`NO_(2)` required for a reaction is produced by the decomposition of `N_(2)O_(5)` is `"CC"l_(4)` as per the equatiion `2N_(2)O_(5)(g)to4NO_(2)(g)+O_(2)(g)`. The initial concentration fo `N_(2)O_(5)` is `3.00 "mol"L^(-1)` and it is `2.75 "mol"L^(-1)` after 30 minutes. The rate of formation of `NO_(2)` is `4.67xx10^(-x) "mol" L^(-1)"min"^(-1)`. the numerical value of x is __________.

To solve the problem, we need to calculate the rate of formation of \( NO_2 \) based on the decomposition of \( N_2O_5 \) using the provided reaction equation and concentration data. ### Step-by-Step Solution: 1. **Write the balanced chemical equation**: \[ 2N_2O_5(g) \rightarrow 4NO_2(g) + O_2(g) \] 2. **Identify the initial and final concentrations of \( N_2O_5 \)**: - Initial concentration of \( N_2O_5 \) = \( 3.00 \, \text{mol L}^{-1} \) - Final concentration of \( N_2O_5 \) after 30 minutes = \( 2.75 \, \text{mol L}^{-1} \) 3. **Calculate the change in concentration of \( N_2O_5 \)**: \[ \Delta [N_2O_5] = [N_2O_5]_{initial} - [N_2O_5]_{final} = 3.00 - 2.75 = 0.25 \, \text{mol L}^{-1} \] 4. **Calculate the rate of disappearance of \( N_2O_5 \)**: The rate of disappearance is given by: \[ \text{Rate} = -\frac{\Delta [N_2O_5]}{\Delta t} = -\frac{0.25 \, \text{mol L}^{-1}}{30 \, \text{min}} = -\frac{0.25}{30} = -0.00833 \, \text{mol L}^{-1} \text{ min}^{-1} \] 5. **Relate the rate of disappearance of \( N_2O_5 \) to the rate of formation of \( NO_2 \)**: According to the stoichiometry of the reaction: \[ -\frac{1}{2} \frac{d[N_2O_5]}{dt} = \frac{1}{4} \frac{d[NO_2]}{dt} \] Therefore, we can express the rate of formation of \( NO_2 \) as: \[ \frac{d[NO_2]}{dt} = -2 \left(-\frac{d[N_2O_5]}{dt}\right) \] 6. **Substitute the rate of disappearance of \( N_2O_5 \)**: \[ \frac{d[NO_2]}{dt} = 2 \times 0.00833 \, \text{mol L}^{-1} \text{ min}^{-1} = 0.01667 \, \text{mol L}^{-1} \text{ min}^{-1} \] 7. **Express the rate of formation of \( NO_2 \) in scientific notation**: \[ 0.01667 \, \text{mol L}^{-1} \text{ min}^{-1} = 1.67 \times 10^{-2} \, \text{mol L}^{-1} \text{ min}^{-1} \] 8. **Compare with the given rate**: The problem states that the rate of formation of \( NO_2 \) is \( 4.67 \times 10^{-x} \, \text{mol L}^{-1} \text{ min}^{-1} \).
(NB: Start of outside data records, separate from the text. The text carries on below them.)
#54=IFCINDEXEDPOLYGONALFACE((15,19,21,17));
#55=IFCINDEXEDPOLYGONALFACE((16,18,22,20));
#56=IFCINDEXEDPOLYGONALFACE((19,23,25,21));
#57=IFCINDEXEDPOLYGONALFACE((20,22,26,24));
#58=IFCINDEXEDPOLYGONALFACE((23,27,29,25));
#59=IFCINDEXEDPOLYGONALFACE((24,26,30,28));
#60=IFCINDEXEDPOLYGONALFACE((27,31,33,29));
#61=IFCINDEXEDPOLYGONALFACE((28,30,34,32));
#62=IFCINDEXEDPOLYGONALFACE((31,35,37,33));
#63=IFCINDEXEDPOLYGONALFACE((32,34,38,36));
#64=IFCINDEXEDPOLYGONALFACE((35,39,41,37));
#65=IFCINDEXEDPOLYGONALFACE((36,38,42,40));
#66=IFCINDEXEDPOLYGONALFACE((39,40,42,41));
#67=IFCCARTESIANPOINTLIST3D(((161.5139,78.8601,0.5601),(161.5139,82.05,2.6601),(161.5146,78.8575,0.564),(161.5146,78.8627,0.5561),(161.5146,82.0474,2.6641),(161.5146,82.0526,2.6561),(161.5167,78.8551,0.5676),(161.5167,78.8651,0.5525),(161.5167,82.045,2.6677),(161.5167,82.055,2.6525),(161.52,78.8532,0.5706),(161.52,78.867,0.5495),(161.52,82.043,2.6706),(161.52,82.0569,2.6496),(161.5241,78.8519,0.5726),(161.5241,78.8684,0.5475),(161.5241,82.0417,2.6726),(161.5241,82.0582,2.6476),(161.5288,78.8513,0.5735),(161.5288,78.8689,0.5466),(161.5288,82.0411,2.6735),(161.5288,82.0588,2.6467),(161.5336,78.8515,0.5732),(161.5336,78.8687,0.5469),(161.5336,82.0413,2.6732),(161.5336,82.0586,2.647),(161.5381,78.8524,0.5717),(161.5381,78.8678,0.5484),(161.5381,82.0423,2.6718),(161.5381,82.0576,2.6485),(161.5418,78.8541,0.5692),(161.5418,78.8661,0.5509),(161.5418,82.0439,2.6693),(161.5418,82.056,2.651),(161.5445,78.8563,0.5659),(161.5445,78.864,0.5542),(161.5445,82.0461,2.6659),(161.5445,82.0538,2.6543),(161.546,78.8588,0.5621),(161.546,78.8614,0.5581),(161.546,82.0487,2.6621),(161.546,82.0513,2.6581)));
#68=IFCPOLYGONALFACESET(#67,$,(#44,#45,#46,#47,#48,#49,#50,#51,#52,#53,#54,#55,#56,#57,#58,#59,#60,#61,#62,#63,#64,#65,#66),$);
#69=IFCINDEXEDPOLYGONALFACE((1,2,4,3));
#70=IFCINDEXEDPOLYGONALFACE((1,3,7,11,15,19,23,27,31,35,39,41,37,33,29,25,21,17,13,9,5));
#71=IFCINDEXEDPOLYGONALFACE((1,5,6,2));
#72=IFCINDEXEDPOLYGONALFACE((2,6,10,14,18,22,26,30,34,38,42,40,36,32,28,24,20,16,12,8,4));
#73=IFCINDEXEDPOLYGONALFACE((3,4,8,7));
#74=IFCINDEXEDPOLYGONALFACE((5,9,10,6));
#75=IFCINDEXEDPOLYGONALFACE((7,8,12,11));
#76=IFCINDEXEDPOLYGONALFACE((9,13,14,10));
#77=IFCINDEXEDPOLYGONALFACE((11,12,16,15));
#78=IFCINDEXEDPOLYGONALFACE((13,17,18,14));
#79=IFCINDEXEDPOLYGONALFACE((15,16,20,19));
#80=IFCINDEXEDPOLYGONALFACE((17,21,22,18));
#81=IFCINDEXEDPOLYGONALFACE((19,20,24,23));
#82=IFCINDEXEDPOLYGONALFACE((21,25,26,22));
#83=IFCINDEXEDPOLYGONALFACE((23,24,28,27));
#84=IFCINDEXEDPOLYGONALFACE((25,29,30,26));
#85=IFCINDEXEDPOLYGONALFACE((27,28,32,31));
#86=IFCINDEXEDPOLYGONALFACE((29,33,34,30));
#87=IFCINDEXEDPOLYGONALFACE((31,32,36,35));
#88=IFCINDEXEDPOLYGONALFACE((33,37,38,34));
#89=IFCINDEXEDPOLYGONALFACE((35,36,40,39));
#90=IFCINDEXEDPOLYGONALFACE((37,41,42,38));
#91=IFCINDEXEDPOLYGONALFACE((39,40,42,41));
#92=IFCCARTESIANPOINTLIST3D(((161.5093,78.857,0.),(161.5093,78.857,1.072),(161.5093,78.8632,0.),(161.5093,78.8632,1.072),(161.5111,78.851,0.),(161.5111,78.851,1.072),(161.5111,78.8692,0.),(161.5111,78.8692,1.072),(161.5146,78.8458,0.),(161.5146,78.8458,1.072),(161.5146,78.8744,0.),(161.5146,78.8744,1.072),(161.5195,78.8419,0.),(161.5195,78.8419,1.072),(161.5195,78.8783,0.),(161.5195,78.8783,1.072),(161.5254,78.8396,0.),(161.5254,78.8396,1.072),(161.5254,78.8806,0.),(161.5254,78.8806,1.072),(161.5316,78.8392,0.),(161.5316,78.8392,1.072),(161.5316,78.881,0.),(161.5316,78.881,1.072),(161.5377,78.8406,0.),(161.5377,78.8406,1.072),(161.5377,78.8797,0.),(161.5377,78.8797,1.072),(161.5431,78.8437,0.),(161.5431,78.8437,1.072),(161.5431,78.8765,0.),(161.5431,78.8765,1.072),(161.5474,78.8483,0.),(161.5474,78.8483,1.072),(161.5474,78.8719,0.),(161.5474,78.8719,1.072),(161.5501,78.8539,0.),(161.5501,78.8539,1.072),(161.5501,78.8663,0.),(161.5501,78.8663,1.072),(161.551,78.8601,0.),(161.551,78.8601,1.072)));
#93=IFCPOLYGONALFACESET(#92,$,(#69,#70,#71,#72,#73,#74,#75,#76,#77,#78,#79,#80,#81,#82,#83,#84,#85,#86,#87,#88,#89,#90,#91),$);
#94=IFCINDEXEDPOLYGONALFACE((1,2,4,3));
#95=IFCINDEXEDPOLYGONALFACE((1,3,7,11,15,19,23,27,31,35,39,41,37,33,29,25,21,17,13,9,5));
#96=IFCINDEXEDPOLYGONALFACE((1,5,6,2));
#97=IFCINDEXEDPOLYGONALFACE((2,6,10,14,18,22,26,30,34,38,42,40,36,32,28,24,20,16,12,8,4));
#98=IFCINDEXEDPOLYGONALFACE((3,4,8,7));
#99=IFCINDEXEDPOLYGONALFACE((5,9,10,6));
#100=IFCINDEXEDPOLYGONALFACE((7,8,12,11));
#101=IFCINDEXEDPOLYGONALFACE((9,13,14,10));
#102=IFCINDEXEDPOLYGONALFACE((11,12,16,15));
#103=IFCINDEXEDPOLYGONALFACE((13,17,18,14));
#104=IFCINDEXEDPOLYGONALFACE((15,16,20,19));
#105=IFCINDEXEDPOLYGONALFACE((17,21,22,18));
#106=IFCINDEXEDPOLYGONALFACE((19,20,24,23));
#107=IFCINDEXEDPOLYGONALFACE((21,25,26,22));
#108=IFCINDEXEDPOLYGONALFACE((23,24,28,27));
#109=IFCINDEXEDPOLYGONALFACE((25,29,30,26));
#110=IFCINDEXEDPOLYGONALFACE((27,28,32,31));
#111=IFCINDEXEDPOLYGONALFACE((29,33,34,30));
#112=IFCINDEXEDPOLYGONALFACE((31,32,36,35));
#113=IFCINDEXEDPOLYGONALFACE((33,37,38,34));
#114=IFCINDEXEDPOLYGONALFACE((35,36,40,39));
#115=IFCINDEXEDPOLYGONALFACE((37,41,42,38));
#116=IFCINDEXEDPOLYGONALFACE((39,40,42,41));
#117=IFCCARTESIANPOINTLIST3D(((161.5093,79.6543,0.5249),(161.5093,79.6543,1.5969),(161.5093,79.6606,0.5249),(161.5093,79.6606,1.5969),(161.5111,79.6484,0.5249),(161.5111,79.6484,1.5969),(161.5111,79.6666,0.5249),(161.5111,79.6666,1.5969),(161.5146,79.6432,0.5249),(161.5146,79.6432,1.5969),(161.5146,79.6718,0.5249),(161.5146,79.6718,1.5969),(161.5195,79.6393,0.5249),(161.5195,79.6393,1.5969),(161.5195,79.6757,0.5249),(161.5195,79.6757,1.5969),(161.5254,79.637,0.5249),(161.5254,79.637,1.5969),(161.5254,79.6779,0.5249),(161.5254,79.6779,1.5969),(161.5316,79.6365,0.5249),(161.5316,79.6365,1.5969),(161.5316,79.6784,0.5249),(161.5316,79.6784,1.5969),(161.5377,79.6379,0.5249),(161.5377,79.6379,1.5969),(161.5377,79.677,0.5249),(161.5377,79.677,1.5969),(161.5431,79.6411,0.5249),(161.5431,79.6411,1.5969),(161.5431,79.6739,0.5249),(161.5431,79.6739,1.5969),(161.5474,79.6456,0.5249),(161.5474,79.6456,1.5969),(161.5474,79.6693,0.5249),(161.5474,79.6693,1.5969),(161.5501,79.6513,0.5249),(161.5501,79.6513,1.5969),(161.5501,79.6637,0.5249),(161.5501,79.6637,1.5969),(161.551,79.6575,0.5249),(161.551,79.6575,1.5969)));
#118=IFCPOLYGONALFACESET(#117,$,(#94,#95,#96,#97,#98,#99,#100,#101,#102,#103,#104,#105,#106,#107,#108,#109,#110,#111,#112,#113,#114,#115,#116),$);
From our calculation: \[ 1.67 \times 10^{-2} = 4.67 \times 10^{-x} \] 9. **Solve for \( x \)**: To find \( x \), we can equate the powers of ten: \[ 10^{-2} = 10^{-x} \implies x = 2 \] ### Final Answer: The numerical value of \( x \) is \( \boxed{2} \).